Осознание неспособности «догнать» развитые страны в процессе модернизации вызывает болезненное и неприемлемое чувство неполноценности, которое необходимо как-то оправдать и смягчить. Комментируя влияние этой риторики на новое поколение, Лев Гудков пишет:
Неудивительно, что к концу первого десятилетия 2000-х годов именно молодежь проявляет особенно сильные анти-модерные установки – антизападные, националистические и ксенофобские настроения, с одной стороны, и готовность к поддержке высшей власти (отказ от политической альтернативы и выбора), с другой [Гудков и др. 2011: 28].
Экономические проблемы России и специфика ее демократии обсуждаются как явления, впрямую связанные с проблемами национальной самобытности и неприемлемости западных образцов. Рациональный, индивидуалистический и развращенный Запад не может служить для российского общества образцом, поскольку духовная сущность русского народа несовместима с этим бездушным миром. Провал экономических реформ переходного периода рассматривается аналитиками как доказательство неприемлемости для России западных экономических моделей; сворачивание демократических институтов представляется как собственная версия «демократии» и оправдывается тем, что «у России есть “свой путь” в демократию» [Михалин 2009]. Все больше российских экономистов призывают к отказу от западных моделей и к развитию вместо них «русской экономической модели», учитывающей традиции, экономические принципы и уникальную специфику России [Zwejnert 2010][20].

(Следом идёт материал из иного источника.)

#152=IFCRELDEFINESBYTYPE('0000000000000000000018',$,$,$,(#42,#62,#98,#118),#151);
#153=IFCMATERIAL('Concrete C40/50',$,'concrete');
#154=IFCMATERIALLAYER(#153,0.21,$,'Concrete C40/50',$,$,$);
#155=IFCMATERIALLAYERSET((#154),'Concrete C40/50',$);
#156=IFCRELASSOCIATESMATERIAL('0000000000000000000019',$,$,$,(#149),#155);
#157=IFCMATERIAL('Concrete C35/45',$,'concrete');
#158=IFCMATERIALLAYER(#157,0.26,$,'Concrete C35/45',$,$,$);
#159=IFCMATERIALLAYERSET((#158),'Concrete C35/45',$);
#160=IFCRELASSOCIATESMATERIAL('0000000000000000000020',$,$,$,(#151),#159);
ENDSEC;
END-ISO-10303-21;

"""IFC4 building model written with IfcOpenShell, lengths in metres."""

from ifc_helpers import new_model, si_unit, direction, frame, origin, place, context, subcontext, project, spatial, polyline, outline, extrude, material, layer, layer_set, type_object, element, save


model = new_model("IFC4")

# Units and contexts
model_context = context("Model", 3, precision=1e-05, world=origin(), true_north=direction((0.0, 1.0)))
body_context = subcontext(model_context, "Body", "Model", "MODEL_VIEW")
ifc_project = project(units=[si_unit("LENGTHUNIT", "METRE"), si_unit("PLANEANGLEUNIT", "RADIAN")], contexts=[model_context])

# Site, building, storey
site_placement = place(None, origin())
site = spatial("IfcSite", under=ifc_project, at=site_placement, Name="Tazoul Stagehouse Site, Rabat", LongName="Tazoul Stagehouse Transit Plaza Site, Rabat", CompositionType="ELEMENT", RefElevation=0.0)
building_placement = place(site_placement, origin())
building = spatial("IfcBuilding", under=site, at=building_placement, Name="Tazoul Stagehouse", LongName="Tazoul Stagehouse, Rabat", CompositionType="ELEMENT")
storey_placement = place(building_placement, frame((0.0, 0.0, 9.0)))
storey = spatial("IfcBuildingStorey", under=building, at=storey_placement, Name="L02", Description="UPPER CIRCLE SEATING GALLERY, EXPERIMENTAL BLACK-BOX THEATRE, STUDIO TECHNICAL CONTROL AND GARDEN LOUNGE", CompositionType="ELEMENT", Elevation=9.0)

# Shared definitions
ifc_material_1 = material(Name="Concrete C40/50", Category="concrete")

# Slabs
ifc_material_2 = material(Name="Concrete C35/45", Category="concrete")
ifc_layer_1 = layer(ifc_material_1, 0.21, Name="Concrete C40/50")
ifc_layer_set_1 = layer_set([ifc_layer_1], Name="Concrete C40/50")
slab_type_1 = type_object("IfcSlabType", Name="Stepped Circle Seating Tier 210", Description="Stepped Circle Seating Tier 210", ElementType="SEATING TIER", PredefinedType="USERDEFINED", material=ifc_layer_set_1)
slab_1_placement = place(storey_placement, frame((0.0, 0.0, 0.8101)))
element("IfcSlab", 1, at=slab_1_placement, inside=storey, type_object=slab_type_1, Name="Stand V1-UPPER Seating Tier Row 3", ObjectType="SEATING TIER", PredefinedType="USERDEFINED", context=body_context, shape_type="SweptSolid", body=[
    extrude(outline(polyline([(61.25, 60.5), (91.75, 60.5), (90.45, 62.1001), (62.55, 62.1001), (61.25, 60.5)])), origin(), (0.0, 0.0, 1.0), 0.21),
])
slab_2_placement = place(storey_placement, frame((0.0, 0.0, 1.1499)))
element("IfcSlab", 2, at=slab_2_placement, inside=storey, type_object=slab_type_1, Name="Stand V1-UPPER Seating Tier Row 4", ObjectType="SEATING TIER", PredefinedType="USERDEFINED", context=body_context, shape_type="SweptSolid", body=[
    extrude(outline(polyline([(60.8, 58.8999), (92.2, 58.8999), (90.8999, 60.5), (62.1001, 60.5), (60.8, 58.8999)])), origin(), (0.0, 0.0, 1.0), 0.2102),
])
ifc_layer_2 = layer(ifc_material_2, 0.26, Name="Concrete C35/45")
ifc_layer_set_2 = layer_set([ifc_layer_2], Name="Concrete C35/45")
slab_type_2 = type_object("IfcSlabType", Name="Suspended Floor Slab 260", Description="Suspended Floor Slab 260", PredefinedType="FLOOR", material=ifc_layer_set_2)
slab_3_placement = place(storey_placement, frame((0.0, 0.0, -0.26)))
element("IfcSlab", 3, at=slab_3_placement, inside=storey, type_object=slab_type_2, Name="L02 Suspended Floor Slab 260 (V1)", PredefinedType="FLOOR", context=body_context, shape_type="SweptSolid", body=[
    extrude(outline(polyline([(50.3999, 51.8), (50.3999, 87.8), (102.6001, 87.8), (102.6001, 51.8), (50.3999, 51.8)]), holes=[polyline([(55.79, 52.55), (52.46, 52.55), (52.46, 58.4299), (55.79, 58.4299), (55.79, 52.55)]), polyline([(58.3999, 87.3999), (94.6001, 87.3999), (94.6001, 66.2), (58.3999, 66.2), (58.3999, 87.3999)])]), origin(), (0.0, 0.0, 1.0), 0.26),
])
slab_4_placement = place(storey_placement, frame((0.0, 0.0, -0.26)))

Антизападная риторика различий и антагонизма усилилась в середине 2010-х. Однако суть этой риторики остается неизменной: после распада Советского Союза Россия пыталась определить свои отношения с Западом на собственных условиях, чтобы отойти от ресентимента и найти жизнеспособную альтернативную модель. Дискуссия, однако, постепенно перешла от размышлений о том, целесообразно ли России следовать западным социальным и экономическим моделям, к воинственной риторике, враждебный тон которой восходит к языку холодной войны. Журналист и телеведущий Максим Шевченко резюмирует официальную национальную платформу так: «Мы не Европа? И слава богу! Россия – один из последних оплотов человека и человечества». Статья, озаглавленная таким образом, доводит вековую вражду до крайности. Если традиционно русские националисты определяли Запад как чуждый русскому характеру, то современные крайние националисты заходят еще дальше – они отказывают жителю Запада в каких-либо общих с ними человеческих качествах: «Понимание, что мы с большинством западных людей принадлежим, скорее всего, к разным гуманоидным видам, внешне похожим, но внутри уже принципиально иным, не только не покидает – усиливается и укрепляется». По мнению Шевченко, проблема заключается не только в природе Запада – рационального, эгоистичного и движимого материальными интересами – но и в предательстве и извращении им базовых общечеловеческих ценностей (хотя единственный пример, который он приводит, – толерантность Запада к гомосексуальности). «Это война, – говорит он, – а Россия – последняя надежда мира. Она спасет Европу от самой себя, поскольку идеология сопротивления этому злу нового либерального тоталитаризма будет развиваться и формулироваться именно здесь, в России» [Шевченко 2013].
Другой видный журналист, редактор «Политического журнала» Петр Акопов, выражает по поводу западных влияний после распада Советского Союза типичную озабоченность:
Началась настоящая колонизация России Западом. Причем главными проводниками ее были даже не иностранцы, а собственные «европейцы». Они слепо внедряли все западные модели, от конституции до рекламы, заботясь не о том, подходят ли они России, а о том, насколько хорошо они обеспечат господство вновь создаваемой «элиты» [Акопов 2016].
Особенно интересны эти заявления тем, что оперируют тернарной моделью: Запад, который стремится поработить Россию, – русские европейцы, его агенты, – и собственно Россия, которая всегда находится в оборонительной позиции и определяется исключительно тем, чем она не является и не должна стать. В рамках этой модели любая попытка дать России позитивное определение ограничена встроенным в нее обоснованием оппозиции и конфликта. В этой версии тернарной модели, включающей в себя Запад, столицу и провинцию, столица определяется как место обитания прозападной образованной элиты. Таким образом, столица находится между двумя противоборствующими субъектами: Западом и истинной Россией.
20
Анализируя статьи и монографии российских экономистов, Цвейнерт приходит к выводу, что многие российские антизападные экономисты основывают свое предпочтение «российской экономической модели» на убеждении, что «россияне не могут полноценно развиваться в рамках рыночной экономики», «не могут жить без сверхзадачи» и «должны подчинять свои личные интересы интересам государства».